Es verdad. En abstracto, el sistema judicial italiano, al menos el democrático, el que vino tras el terrible paréntesis del fascismo, debería asegurar una igualdad ante la ley. A menudo es así, pero desgraciadamente a veces no lo es. Un ejemplo banal, más allá de la novela: cuando una condena comporta una pena pecuniaria, una multa, una persona con gran disponibilidad económica puede permitirse violar la norma cuantas veces quiera. Un rico puede pagar un mejor abogado, puede pagar la fianza para salir de la cárcel más fácilmente, y esto es un problema que afecta a todas las democracias del mundo. Naturalmente, en mis novelas, sobre todo en Muerte de un hombre feliz, hablo de una situación de emergencia, en el que la justicia estaba llamada a estar a la altura de la situación. Lo estuvo muchas veces, pero otras falló, como sucede en cualquier asunto humano.

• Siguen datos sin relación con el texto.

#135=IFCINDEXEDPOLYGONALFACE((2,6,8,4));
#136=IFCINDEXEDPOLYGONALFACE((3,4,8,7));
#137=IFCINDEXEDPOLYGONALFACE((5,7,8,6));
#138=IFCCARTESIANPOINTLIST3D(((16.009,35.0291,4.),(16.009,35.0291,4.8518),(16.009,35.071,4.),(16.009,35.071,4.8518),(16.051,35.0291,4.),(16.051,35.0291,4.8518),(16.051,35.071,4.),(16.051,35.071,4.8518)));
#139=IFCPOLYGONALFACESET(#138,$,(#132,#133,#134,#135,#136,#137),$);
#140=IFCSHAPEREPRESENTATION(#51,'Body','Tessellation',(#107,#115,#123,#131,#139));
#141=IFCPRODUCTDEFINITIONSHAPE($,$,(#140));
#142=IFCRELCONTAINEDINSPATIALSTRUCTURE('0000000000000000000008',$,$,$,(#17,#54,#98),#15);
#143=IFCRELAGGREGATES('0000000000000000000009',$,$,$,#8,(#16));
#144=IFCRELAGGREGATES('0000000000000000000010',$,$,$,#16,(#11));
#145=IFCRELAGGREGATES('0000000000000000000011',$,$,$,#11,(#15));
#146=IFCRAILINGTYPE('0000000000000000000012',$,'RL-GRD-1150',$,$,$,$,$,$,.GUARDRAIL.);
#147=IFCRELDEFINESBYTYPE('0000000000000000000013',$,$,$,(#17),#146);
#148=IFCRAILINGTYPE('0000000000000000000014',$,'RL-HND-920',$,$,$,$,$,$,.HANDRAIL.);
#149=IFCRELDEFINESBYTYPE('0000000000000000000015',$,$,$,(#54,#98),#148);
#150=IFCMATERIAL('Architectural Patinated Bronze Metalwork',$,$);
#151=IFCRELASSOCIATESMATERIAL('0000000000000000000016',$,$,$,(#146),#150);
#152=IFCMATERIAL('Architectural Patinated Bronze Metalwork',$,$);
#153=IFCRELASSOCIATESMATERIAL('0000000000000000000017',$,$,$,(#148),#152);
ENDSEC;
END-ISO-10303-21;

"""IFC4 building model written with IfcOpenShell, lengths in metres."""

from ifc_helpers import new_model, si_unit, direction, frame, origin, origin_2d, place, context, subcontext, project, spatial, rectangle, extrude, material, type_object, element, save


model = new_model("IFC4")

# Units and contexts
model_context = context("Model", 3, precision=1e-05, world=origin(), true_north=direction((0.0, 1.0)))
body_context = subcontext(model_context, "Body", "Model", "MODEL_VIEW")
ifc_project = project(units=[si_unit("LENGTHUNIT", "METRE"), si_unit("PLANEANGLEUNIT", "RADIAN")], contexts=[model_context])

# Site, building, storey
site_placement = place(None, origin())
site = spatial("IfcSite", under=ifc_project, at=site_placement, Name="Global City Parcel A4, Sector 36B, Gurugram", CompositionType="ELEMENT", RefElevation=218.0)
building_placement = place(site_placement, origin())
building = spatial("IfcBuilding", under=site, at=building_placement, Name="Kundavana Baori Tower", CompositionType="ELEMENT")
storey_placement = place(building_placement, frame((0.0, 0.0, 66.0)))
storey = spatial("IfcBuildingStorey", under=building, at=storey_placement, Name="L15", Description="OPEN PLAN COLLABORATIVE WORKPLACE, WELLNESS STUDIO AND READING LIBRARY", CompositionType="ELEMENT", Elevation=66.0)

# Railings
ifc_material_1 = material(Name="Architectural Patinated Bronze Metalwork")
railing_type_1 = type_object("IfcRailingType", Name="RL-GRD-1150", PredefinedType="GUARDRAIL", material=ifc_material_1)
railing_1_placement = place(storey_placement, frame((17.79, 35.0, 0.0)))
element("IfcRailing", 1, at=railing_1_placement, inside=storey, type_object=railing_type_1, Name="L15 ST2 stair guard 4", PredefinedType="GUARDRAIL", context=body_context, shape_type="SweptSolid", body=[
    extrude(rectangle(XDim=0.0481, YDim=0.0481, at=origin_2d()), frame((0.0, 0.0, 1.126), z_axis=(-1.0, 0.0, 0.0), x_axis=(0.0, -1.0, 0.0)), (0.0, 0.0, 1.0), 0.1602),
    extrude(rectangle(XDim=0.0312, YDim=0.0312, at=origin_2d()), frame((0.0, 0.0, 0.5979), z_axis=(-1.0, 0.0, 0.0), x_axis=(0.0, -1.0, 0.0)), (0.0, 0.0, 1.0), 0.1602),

¿Hay confianza hoy en la justicia italiana? Desde España tenemos la imagen de aquellos superjueces como Falcone o Borsellino, que acabaron siendo mártires, pero también de esos jueces aliados con los poderes más corruptos.
Honestamente, en cuanto a confianza popular, no sabría decirte. Pero en Italia hay todavía, desgraciadamente, la idea de que la justicia pueda hacerse cargo de las carencias de la política. Por ello, si en el Parlamento no se deciden o se aprueban leyes válidas, tal vez es la Corte Constitucional la que tenga que intervenir, demostrar que hay que cambiar esas leyes, o son las sentencias de la Magistratura las que señalen los errores del ordenamiento. Esto no es bueno, porque no es el papel de la Magistratura, sino de la política. Cuando la política es miope, ausente o incapaz de tantas formas distintas, el pueblo se confía a la justicia con una suerte de paternalismo que me parece grave para la democracia.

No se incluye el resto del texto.